First, levels of IDH1R132H-specific antibodies or frequencies of IDH1R132H-specific CD4 T cells may be below the detection thresholds of assays. For instance, among TILs from (multiple and pooled) IDH1R132H-mutant tumors, the frequency of IDH1R132H-specific CD4 T cells was less than 2% (of CD4+ T cells) after vaccinating mice with mutant peptides [20]. Indeed, the central nervous system is considered to be immune-privileged, e.g. due to limited MHC expression, and consequently elicitation of robust glioma-specific immune responses may be limited [40]. Along this line, suppression of anti-tumor T cell immunity by the oncometabolite d-2-hydroxyglutarate has also recently been described in LGG [41], which may further limit local activation of IDH1R132H-specific CD4 T cells. A tentative low frequency of IDH1R132H-specific CD4 T cells was addressed by pre-enrichment of these cells by co-culturing PBMC of IDH1R132H-mutant patients with HeLa cells presenting IDH1R132H. None of the samples showed a IDH1R132H-specific T cell activation response, whether or not CD4 T cells underwent co-culture cycles with IDH1R132H-presenting cells [42, 43]. Although the occurrence of very low frequencies of IDH1R132H-specific T cells cannot be dismissed, and these could be targeted with enrichment protocols using more professional antigen-presenting cells, optimal pMHC bindings [44] or in vivo vaccinations with IDH1R132H [45], our data do suggest that the immunogenicity of IDH1R132H is low.

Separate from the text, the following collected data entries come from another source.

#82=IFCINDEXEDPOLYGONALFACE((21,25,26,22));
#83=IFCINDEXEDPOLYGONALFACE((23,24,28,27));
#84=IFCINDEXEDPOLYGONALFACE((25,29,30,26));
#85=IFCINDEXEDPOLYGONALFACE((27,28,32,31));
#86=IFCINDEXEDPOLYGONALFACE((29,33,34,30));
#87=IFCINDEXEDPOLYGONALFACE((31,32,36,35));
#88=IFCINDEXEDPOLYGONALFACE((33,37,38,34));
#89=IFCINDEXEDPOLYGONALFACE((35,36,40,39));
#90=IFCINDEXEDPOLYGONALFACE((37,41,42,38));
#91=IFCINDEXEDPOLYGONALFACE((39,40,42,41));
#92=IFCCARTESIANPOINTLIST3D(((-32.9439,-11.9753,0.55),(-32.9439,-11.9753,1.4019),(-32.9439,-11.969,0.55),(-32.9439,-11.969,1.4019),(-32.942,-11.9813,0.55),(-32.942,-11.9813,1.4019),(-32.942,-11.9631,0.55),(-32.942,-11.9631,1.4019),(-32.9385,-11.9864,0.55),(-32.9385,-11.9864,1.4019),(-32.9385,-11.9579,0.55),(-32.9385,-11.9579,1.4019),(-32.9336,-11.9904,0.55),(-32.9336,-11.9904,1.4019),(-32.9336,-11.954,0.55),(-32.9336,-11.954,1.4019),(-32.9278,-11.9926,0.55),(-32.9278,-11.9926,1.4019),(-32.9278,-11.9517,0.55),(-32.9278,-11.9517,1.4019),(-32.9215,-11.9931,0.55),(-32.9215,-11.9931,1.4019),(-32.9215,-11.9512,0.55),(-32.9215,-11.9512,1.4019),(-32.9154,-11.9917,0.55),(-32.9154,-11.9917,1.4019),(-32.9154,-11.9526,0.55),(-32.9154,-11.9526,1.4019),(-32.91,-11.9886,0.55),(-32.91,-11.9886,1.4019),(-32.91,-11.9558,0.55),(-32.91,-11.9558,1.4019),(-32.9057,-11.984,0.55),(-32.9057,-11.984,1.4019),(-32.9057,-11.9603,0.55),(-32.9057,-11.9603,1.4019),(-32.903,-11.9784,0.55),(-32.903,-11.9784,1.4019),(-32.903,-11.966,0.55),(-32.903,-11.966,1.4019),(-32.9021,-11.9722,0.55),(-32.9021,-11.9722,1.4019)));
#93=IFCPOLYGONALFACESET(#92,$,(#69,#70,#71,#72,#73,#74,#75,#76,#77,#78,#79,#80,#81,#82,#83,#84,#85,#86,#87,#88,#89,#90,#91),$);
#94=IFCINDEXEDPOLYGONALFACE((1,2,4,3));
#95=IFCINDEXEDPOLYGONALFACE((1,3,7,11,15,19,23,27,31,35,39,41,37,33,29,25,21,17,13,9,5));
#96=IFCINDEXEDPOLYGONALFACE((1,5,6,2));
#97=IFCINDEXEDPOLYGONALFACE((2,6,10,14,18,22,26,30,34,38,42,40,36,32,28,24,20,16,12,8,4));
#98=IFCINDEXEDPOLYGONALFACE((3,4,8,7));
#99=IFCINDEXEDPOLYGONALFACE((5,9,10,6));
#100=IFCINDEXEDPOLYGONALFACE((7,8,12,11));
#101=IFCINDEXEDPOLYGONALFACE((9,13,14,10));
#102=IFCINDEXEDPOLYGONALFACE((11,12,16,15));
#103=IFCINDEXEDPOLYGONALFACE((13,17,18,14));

Second, the number of patients assayed may have been too small in order to detect a cellular (n = 46; 36 PBMC and 10 TIL samples) or humoral immune response (n = 27). Percentages of patients with antibody or CD4 T cell responses in blood have been reported to be as low as 10% and 16%, respectively [20]. However, even in the case of a population frequency of 10%, there is a 94% chance of detecting at least one positive humoral response, and a 75% chance if the population frequency is 5% (using a cohort of 27 samples). Moreover, when combining the 36 PBMC and 10 TIL samples used to detect T-cell responses against IDH1R132H, there is > 99% or 91% chance of detecting such responses in population frequencies of at least 10% or 5% respectively.

Third, we cannot exclude that IDH1R132H may be presented by specific HLA alleles that are underrepresented in our cohort of tested patients and/or that expression levels of IDH1 are too low to elicit IDH1R132H-specific T-cell responses. Indeed, glioblastomas express IDH1 at higher levels compared to gliomas of lower grade (log2 expression levels of 10.9 ± 0.48 vs. 11.3 ± 0.49, vs. 11.4 ± 0.48 for grade II (n = 24), grade III (n = 85) and grade IV gliomas (n = 159) respectively [46]). However, the relative increase in IDH1 expression with increasing tumor grade is very modest and expression levels of IDH1 are in general relatively high. Moreover, there is no difference between grade III astrocytomas and grade IV glioblastomas 11.4 ± 0.48 vs. 11.4 ± 0.43, p = 0.89).

Taken together, our data does not provide evidence for detectable presence of immune cell reactivity towards IDH1R132H in blood or tumors of LGG patients. We advocate further preclinical studies prior to development and clinical exploitation of T cell treatments directed against IDH1R132H in LGG patients.